But Christ is more invisible than that. He is depicted, loosely, in our memoirs, and our histories, for His effects in human lives, and formerly throughout our societies. He could be imagined thus upholding a civilization, made up of His faithful, His believers, stretching through time. We called this “Christendom.”

Membership or citizenship in this Christendom could somehow be imagined, better than Christ Himself could be imagined. No boundary could be drawn, however; there never has been any permanent boundary in our world.

For a different story, we would have to retreat to a much earlier century, say 200 A.D., or at the present day perhaps to Nigeria. These would seem, on our arrival, to show Christ also arriving in full animation; so that we would notice the nothingness when we came home.

The idea, or rather the person, was negated by secular politics. Our very understanding of “a person” has been obviated.

Yet in all these centuries, among individuals, Christ has been alive, unseen. He was conceived, even in the old secular media, as a conduit of truths that cannot be reduced to mere principles; as the moral law that cannot be reduced to a chart.

For Christianity has no worldly absolutes. The Absolute works through it, we could say (if we had faith, and reason), so it is not changeable, which it would be if it were written in black and white. We are prevented, or encouraged, as we – when mobilized by faith – try to follow the good, try to avoid the evil.


But Christ is not reducible to this moral law, and cannot be restored as this kind of statue. He is as indescribable as what is presented in the Mass – beyond our powers of analysis. The mystical apprehension of God, through Christ, is lost on us today; the one route, through the gate of Christ, is closed, when He is hidden.

The paradox is that Christ is hiding from us because we have made him too familiar. We have identified Him with our civilization, our country, our race, our time; and we have transferred our expectations of Him.

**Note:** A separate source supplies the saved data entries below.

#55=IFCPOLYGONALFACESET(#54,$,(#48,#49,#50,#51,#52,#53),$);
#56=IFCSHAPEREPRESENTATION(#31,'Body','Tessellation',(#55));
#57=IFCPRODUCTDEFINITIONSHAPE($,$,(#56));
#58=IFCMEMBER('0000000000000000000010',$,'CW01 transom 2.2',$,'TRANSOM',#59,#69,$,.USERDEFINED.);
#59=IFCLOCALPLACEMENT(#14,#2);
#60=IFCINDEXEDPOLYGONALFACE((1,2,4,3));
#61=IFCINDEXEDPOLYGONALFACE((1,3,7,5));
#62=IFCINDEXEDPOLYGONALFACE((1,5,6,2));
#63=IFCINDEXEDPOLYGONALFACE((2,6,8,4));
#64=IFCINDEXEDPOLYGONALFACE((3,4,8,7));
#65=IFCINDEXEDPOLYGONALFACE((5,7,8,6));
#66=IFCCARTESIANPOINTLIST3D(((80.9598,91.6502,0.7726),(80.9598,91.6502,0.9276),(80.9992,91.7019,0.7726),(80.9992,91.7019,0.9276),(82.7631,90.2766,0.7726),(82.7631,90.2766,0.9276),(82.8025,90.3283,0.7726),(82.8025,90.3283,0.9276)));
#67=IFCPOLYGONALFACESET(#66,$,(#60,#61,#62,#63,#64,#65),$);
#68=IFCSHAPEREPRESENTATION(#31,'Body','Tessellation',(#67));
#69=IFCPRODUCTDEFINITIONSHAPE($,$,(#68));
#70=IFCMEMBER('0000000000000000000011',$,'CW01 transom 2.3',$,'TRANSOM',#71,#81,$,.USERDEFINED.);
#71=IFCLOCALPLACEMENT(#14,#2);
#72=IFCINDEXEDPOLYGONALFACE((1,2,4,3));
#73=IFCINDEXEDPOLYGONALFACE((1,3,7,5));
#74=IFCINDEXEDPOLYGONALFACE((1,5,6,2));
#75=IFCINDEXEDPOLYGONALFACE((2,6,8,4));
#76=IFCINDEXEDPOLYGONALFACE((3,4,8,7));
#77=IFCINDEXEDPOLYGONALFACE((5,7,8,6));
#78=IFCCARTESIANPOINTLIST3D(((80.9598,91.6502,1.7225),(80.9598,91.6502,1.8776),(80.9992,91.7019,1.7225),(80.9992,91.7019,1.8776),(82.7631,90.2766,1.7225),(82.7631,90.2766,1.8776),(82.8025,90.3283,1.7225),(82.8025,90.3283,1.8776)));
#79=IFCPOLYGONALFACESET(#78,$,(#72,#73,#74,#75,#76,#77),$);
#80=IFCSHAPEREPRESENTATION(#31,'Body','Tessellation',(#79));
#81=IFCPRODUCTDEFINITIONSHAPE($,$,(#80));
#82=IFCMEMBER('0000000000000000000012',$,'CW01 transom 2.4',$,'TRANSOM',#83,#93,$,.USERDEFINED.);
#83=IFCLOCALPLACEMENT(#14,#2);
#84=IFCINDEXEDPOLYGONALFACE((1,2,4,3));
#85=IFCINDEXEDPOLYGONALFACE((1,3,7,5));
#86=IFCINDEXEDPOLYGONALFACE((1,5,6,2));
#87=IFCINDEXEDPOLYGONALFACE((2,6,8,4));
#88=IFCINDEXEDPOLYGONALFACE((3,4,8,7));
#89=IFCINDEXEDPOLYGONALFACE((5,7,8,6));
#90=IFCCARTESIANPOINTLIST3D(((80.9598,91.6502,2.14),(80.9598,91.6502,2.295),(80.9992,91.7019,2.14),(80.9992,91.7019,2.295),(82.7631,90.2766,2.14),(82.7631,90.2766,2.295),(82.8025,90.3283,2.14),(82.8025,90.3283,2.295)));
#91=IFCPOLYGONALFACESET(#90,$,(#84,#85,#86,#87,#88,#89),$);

As Pope Francis says, He is a God of surprises. This is perhaps another way of saying the same thing – that we are bound to be surprised when our experience of the divine skips out of conventional channels. We cannot conceive of God, of the Holy Spirit, of Christ, because we have located “them” in our past – a familiar and comfortable past we have “grown out of.”

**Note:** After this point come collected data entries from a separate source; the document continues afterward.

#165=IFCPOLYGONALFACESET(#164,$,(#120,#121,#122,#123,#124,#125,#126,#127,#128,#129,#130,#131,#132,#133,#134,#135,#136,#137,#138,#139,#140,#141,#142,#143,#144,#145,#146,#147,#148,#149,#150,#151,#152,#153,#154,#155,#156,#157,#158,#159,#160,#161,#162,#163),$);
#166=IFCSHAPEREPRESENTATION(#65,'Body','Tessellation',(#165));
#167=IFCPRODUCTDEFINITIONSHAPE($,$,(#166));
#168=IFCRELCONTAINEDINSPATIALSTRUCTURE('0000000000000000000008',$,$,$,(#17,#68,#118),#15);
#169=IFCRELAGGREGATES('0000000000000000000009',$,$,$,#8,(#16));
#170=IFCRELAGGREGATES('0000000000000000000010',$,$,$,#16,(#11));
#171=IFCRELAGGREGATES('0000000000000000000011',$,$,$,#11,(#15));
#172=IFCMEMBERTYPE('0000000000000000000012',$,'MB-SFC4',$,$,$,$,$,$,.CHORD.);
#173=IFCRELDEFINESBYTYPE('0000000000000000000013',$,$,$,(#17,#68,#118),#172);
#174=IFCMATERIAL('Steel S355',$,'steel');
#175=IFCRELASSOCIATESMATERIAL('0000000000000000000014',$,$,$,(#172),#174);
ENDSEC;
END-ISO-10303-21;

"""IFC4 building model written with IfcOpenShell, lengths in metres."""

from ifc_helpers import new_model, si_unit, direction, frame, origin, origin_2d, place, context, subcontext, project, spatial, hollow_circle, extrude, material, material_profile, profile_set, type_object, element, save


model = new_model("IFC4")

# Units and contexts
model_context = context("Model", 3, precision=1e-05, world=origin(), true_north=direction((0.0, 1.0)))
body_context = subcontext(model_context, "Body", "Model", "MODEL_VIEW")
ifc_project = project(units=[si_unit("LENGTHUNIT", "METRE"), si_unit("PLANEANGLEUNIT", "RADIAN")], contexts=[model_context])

But what is surprising is that God is not dead. It is our civilization that has surprised us, by dying. Of course, we “moderns” are the only people who could be surprised by this.

For if we had a profound understanding of the Christian religion, centered upon Christ, we would not be mentally trapped by it. We would not have expected Christ to be a narrow, finite Being.

We have abandoned spiritual exercise; abandoned the mental and spiritual equipment needed for mystical labor; and lost our sense of reality thereby. The sentiment of religion – that which we think was so warm and emotionally comfortable – is what we have lost. It cannot be recovered.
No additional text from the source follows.